Garlic Crostini with Tuscan Bean Paté
2 14-ounce cans Cannellini beans
6 cloves fresh garlic
¼ cup olive oil (might need more, depending on the texture you want the finished product to have)
2 teaspoons red pepper flakes
2 tablespoons fresh thyme
2 tablespoons fresh rosemary
¼ cup balsamic vinegar
salt and coarse ground pepper to taste
Place garlic and herbs and red pepper in food processor bowl and process. Place balsamic vinegar in small sauce pan over medium heat and reduce down until it evenly coats the back of a spoon. Add beans and vinegar reduction to bowl and turn on. Add olive oil in a stream through the food tube. Add enough olive oil to desired consistency (at least 1/4 cup). Cool overnight in the refrigerator. Bring to room temperature before serving (best if not ice box cold).

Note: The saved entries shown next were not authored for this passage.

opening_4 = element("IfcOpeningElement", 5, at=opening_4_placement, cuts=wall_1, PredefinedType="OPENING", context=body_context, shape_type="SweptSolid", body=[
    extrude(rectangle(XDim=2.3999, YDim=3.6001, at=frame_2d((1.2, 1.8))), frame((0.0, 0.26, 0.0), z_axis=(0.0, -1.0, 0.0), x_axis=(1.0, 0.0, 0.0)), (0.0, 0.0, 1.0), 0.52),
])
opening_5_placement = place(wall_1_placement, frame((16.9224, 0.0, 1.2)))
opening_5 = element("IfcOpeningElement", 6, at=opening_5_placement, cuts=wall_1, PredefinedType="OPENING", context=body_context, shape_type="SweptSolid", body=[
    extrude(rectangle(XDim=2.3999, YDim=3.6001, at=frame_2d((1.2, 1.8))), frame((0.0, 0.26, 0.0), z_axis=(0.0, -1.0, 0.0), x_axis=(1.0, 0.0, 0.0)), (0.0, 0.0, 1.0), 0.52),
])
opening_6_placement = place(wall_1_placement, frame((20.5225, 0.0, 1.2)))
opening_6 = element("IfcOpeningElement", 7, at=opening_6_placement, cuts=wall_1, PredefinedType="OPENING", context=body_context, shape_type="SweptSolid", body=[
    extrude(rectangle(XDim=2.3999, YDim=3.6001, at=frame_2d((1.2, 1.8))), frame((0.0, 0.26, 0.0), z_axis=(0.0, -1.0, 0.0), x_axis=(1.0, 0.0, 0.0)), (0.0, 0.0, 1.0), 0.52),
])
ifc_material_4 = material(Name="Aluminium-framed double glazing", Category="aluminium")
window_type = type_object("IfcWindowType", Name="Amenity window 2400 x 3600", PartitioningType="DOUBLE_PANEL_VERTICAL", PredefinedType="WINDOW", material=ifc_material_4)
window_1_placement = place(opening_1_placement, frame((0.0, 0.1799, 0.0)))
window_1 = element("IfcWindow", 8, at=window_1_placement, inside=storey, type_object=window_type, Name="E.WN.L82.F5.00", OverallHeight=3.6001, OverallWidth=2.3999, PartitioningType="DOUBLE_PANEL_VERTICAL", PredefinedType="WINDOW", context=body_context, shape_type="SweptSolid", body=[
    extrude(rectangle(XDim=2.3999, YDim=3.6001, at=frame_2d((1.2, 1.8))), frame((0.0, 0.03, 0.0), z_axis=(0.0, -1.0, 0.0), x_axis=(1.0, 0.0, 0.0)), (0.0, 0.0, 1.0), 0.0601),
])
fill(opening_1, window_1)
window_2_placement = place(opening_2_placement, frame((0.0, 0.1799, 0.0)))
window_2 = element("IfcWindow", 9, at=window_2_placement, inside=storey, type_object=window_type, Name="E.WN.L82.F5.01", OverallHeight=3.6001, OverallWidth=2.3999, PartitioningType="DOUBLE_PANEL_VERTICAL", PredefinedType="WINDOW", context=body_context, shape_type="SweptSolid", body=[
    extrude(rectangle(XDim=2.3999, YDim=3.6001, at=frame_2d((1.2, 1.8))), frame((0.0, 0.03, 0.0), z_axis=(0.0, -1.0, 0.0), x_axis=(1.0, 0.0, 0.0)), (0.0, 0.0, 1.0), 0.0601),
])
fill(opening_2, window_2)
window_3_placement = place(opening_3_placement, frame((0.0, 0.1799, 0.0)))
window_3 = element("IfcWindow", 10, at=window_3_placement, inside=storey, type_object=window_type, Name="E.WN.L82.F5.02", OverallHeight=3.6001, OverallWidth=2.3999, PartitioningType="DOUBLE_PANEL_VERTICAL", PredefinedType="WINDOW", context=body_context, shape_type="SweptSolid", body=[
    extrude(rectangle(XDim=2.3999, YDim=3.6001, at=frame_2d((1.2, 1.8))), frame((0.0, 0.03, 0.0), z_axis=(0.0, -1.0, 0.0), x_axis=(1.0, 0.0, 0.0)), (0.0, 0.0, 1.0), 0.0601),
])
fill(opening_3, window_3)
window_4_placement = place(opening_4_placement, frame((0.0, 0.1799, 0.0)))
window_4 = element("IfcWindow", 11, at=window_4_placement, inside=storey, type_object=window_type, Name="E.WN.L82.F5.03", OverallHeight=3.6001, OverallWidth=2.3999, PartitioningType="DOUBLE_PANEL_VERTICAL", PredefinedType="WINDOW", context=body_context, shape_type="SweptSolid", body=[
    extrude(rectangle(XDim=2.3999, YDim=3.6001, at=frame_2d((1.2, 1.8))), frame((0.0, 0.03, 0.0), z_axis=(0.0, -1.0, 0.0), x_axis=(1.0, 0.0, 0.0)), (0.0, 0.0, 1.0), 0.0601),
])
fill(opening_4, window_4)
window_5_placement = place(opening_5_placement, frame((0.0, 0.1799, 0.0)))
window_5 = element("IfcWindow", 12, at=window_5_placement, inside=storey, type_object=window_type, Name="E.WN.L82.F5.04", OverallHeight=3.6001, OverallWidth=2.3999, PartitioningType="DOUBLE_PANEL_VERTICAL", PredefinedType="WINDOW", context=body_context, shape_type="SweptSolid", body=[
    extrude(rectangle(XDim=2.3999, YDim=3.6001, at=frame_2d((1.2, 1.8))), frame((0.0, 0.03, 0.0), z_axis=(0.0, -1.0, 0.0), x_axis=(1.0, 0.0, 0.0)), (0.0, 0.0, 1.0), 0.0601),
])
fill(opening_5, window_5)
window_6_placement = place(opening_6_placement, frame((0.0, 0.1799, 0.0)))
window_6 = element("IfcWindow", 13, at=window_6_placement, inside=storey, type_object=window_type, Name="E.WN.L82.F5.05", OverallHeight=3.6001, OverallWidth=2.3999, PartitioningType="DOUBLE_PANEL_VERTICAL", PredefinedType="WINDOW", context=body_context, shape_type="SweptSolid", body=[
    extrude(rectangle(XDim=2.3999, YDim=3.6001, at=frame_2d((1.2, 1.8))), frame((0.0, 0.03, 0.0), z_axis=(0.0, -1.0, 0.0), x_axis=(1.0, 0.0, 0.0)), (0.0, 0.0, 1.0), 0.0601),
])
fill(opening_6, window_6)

Thinly slice a baguette, rub bread with a fresh garlic clove, lightly brush with olive oil and broil until slightly browned and crisp.
Renee’s Paté (aka Mushroom, Onion, and Tempeh Paté)
½ lb button mushrooms
4 Tablespoon olive oil
1 package (8 oz) tempeh, cut into small cubes
2 cup chopped onion
4 cloves garlic
6 Tablespoon dry sherry
2 Tablespoon soy sauce
2 teaspoon rubbed sage
¼ teaspoon allspice
Place mushrooms in colander and rinse, cut off tough stems and slice. Heat oil in large skillet over medium high heat. Add tempeh cubes, onion, mushrooms and garlic. Cook, stirring frequently, for ten minutes. The mushroom liquid will release and evaporate. Once mixture is cooked, and tempeh and onions are slightly browned stir in sherry, soy, sage and allspice. Cook, stirring constantly until sherry evaporates. Remove from heat and cool.
Place cooled mixture in food processor and puree to a thick consistency. Refrigerate over night. Bring to room temperature before serving. Best if not served ice box cold.